Драка на дворе привлекла внимание турецкой стражи, стоявшей у ворот. Стражники прибежали на двор и принялись разгонять дерущихся, пустив в ход плети и дубинки. Русские и их противники разошлись, злобно поглядывая друг на друга, но не оказывая никакого сопротивления страже.
— Что бы ни случилось, — посоветовал Дан, — пнет ли вас турок, или хлестнет плетью, или ударит по лицу, никогда не давайте сдачи. Избавить вас от этой ненормальной скотины, от Эмилио, я мог, потому что он здесь чужой по рождению.
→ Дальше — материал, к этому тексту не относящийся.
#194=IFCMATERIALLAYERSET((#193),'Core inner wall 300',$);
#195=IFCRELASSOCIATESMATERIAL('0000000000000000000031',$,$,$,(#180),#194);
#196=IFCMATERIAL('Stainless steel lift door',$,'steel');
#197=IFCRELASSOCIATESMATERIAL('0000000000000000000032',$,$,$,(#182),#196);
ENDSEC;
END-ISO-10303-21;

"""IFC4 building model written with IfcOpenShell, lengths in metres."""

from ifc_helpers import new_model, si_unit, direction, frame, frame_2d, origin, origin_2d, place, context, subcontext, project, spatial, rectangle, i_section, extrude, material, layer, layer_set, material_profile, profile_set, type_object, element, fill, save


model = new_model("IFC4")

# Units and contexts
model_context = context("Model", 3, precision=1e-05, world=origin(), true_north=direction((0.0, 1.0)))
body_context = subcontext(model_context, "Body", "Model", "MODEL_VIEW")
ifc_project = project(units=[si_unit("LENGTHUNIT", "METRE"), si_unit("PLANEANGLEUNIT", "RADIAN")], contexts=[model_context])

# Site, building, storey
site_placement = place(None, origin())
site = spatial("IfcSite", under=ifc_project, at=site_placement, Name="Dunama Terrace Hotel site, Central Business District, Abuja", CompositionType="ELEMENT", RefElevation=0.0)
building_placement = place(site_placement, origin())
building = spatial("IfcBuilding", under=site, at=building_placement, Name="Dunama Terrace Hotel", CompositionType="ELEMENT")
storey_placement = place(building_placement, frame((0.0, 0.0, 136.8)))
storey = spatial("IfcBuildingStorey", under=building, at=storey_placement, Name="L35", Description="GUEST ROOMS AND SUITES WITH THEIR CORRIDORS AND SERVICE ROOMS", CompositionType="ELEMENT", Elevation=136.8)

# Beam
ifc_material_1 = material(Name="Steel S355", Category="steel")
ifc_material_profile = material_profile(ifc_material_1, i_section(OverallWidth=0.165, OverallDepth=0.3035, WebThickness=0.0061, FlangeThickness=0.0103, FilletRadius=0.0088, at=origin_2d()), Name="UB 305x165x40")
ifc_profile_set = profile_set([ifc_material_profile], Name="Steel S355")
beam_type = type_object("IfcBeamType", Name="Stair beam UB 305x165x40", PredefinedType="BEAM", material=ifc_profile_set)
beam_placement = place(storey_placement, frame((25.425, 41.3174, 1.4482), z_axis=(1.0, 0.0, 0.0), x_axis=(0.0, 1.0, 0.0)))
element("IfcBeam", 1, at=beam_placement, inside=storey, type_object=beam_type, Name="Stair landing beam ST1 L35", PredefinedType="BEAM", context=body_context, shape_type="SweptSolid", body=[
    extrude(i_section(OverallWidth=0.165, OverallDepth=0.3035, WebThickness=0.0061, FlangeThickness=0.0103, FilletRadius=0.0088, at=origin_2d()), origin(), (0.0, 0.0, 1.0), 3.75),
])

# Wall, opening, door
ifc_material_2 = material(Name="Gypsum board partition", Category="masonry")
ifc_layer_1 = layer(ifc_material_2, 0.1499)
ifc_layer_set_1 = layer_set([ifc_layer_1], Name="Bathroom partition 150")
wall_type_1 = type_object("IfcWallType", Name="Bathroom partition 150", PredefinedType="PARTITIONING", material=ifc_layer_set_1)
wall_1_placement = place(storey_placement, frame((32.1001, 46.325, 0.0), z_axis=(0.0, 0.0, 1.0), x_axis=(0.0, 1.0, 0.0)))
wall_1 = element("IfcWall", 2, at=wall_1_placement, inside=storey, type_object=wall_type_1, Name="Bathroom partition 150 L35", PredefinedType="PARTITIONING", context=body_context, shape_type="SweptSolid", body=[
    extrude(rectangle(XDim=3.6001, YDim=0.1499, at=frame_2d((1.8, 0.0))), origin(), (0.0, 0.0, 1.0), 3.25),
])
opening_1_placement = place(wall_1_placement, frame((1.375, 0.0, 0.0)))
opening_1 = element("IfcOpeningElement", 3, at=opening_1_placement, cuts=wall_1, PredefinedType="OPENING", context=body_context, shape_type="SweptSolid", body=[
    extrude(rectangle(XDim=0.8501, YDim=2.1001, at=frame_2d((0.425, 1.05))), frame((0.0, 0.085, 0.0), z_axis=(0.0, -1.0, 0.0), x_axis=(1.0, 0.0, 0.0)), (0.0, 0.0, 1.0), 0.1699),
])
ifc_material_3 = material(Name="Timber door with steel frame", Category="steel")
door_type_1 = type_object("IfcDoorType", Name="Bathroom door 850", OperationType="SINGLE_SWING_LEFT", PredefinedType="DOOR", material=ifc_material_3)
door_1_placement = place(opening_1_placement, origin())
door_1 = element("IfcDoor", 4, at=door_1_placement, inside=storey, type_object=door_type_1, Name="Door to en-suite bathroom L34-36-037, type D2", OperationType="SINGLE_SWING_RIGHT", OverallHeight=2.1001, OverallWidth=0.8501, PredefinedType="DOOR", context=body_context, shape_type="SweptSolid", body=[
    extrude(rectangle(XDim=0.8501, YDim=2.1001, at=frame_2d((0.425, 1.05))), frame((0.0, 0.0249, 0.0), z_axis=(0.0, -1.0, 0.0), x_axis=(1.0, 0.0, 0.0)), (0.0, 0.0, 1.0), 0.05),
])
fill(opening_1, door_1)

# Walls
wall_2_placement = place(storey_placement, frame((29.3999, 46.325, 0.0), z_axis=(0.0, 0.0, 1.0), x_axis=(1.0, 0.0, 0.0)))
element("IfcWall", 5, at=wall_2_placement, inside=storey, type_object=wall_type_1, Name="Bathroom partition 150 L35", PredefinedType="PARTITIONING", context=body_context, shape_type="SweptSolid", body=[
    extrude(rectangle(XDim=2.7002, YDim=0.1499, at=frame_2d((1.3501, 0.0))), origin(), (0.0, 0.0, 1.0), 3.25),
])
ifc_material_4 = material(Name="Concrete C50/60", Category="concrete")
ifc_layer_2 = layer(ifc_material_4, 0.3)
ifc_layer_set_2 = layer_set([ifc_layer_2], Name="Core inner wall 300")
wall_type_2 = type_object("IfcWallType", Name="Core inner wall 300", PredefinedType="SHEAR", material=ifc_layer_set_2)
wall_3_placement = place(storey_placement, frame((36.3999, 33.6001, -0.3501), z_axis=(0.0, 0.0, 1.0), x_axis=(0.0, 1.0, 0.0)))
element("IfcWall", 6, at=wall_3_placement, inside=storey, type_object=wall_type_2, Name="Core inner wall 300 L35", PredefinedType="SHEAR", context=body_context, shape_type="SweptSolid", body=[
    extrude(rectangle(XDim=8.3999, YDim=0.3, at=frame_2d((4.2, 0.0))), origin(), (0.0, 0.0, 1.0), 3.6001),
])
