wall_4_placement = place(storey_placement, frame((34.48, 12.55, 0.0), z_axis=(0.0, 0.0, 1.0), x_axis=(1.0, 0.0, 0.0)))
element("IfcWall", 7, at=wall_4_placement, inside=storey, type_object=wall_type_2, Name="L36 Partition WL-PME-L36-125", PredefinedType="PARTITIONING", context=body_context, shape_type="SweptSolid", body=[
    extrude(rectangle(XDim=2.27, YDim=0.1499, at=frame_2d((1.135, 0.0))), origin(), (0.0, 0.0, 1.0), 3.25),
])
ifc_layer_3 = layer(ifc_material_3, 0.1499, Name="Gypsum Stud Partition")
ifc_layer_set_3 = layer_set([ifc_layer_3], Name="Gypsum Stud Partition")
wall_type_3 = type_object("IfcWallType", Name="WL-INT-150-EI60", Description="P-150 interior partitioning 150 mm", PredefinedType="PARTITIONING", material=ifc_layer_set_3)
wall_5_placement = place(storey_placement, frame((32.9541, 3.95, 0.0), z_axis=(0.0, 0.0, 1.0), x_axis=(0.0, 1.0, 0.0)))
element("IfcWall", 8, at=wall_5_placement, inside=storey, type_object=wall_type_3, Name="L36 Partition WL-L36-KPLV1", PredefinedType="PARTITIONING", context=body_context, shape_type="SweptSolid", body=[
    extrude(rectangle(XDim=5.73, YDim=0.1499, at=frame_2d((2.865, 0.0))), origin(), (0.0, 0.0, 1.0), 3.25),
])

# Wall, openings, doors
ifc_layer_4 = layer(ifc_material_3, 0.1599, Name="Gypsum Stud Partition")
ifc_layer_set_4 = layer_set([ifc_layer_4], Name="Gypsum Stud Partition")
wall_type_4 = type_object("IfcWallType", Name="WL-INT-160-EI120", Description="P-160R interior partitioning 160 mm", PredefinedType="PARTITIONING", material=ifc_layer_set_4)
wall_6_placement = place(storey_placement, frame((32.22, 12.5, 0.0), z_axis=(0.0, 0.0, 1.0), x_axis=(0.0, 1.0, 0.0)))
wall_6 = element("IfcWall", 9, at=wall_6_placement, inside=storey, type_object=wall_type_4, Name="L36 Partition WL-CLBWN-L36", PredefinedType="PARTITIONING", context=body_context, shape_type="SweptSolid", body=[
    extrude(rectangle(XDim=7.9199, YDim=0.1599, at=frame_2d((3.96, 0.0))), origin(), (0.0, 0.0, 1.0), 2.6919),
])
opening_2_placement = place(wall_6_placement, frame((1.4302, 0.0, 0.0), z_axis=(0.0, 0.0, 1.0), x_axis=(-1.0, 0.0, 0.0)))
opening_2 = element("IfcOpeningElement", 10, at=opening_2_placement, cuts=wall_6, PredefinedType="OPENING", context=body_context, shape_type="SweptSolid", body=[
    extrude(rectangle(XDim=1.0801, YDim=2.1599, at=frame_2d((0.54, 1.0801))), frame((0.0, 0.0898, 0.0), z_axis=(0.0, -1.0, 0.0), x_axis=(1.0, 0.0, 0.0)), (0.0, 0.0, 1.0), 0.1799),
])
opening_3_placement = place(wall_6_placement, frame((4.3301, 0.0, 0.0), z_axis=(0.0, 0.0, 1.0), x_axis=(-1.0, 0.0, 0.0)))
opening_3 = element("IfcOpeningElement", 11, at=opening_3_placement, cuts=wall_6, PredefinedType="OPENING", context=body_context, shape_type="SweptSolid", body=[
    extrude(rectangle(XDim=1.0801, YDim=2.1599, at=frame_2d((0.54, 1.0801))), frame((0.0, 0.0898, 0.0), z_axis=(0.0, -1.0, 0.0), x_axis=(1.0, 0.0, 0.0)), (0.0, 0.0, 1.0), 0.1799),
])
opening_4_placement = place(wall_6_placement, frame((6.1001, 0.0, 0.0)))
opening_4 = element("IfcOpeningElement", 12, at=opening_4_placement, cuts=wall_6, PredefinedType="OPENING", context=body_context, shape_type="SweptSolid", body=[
Но будь он турком, мне наверняка грозила бы смерть. Никогда не следует бить и оскорблять хозяев-турок, это правило, которое уважает каждый. Даже если турок пьян.
— Пьян? Как это может быть? Я думал, мусульманам запрещено употреблять вино.
— Я кое-что покажу, — ответил Дан и повел его к лестнице.
Они спустились на двор, и Гектор пошел за мискито в одну из боковых комнат в аркаде. Это была таверна, явно процветающая. Комната была наполнена рабами, пьющими и бражничающими; дым от глиняных трубок стоял густым туманом, и глаза у Гектора начали слезиться.
— Где достают вино? — шепнул он Дану, кивнув в сторону хозяина заведения, стоявшего за прилавком в дальнем конце комнаты.
— Он покупает его на торговых кораблях, которые приходят в Алжир, или у капитанов-корсаров, для которых вино — часть добычи. Потом перепродает его, часто самим туркам, потому что городские власти закрывают глаза на то, что алжирцы ходят в баньо ради выпивки. Только бы не выставляли себя напоказ.
Гектор заметил нескольких турок, стоявших у прилавка. Они явно были сильно навеселе.
— Посмотрите, вон там, позади них, — сказал Дан, понизив голос, — здоровые такие парни. Хозяин заведения платит им за то, чтобы они следили за турками. Если какой-нибудь турок напьется и захочет побуянить, кто-нибудь из этих парней потихоньку выведет его из баньо. Скандалы хозяину не по карману. Надзиратель-паша имеет право всыпать ему плетей, а таверну прикрыть, даже несмотря на то, что хозяин делится с ним выручкой.
— Вы хотите сказать, что посетители могут запросто входить и выходить из баньо?
— Конечно, могут. Пока совсем не стемнеет. Тогда ворота запираются. — Дан, склонив голову, прислушался. — Вот, слышите? Это десятник бейлика. Он выкликает, кому какая завтра будет работа. Пора возвращаться в спальню. Перед первым рабочим днем вам нужно выспаться как можно лучше.
Уже поднимаясь наверх, Гектор спросил, отчего же рабы не пытаются бежать, если ворота стоят открытыми.
— А куда убежишь? — пожал плечами Дан. — В населенных местах тебя поймают мавры и вернут в город за вознаграждение. Доберешься до гор — будешь сожран дикими зверями. Доберешься до пустыни за горами — заблудишься и умрешь от жажды.
— А если украсть корабль?
— Турки подумали и об этом. Когда после похода галера возвращается в порт, первым делом галерные рабы выгружают на берег все, какие есть на борту, весла и помещают их в надежный склад. Нескольким рабам удалось бежать вплавь до гостевых торговых кораблей и спрятаться. Но капитаны тщательно обыскивают свои суда перед тем, как выйти из Алжира. Если турки найдут беглого раба на борту, они захватят корабль и выставят его на продажу. Капитану и команде повезет, если они сами не попадут в рабство.
Они вернулись в спальню, и Гектор растянулся на комковатой соломенной подстилке, которую одолжил ему Дан. Так он лежал, слушая, как другие рабы устраиваются на ночь: скрип коек, говор, бормотание и кашель — люди отхаркивали пыль из легких и глоток, — все постепенно сменилось дружным храпом. Юноша постоянно ощущал тяжесть и узость железного кольца на лодыжке и после всего, что он узнал за этот день, размышлял о том, удастся ли ему когда-нибудь выяснить, что случилось с Элизабет.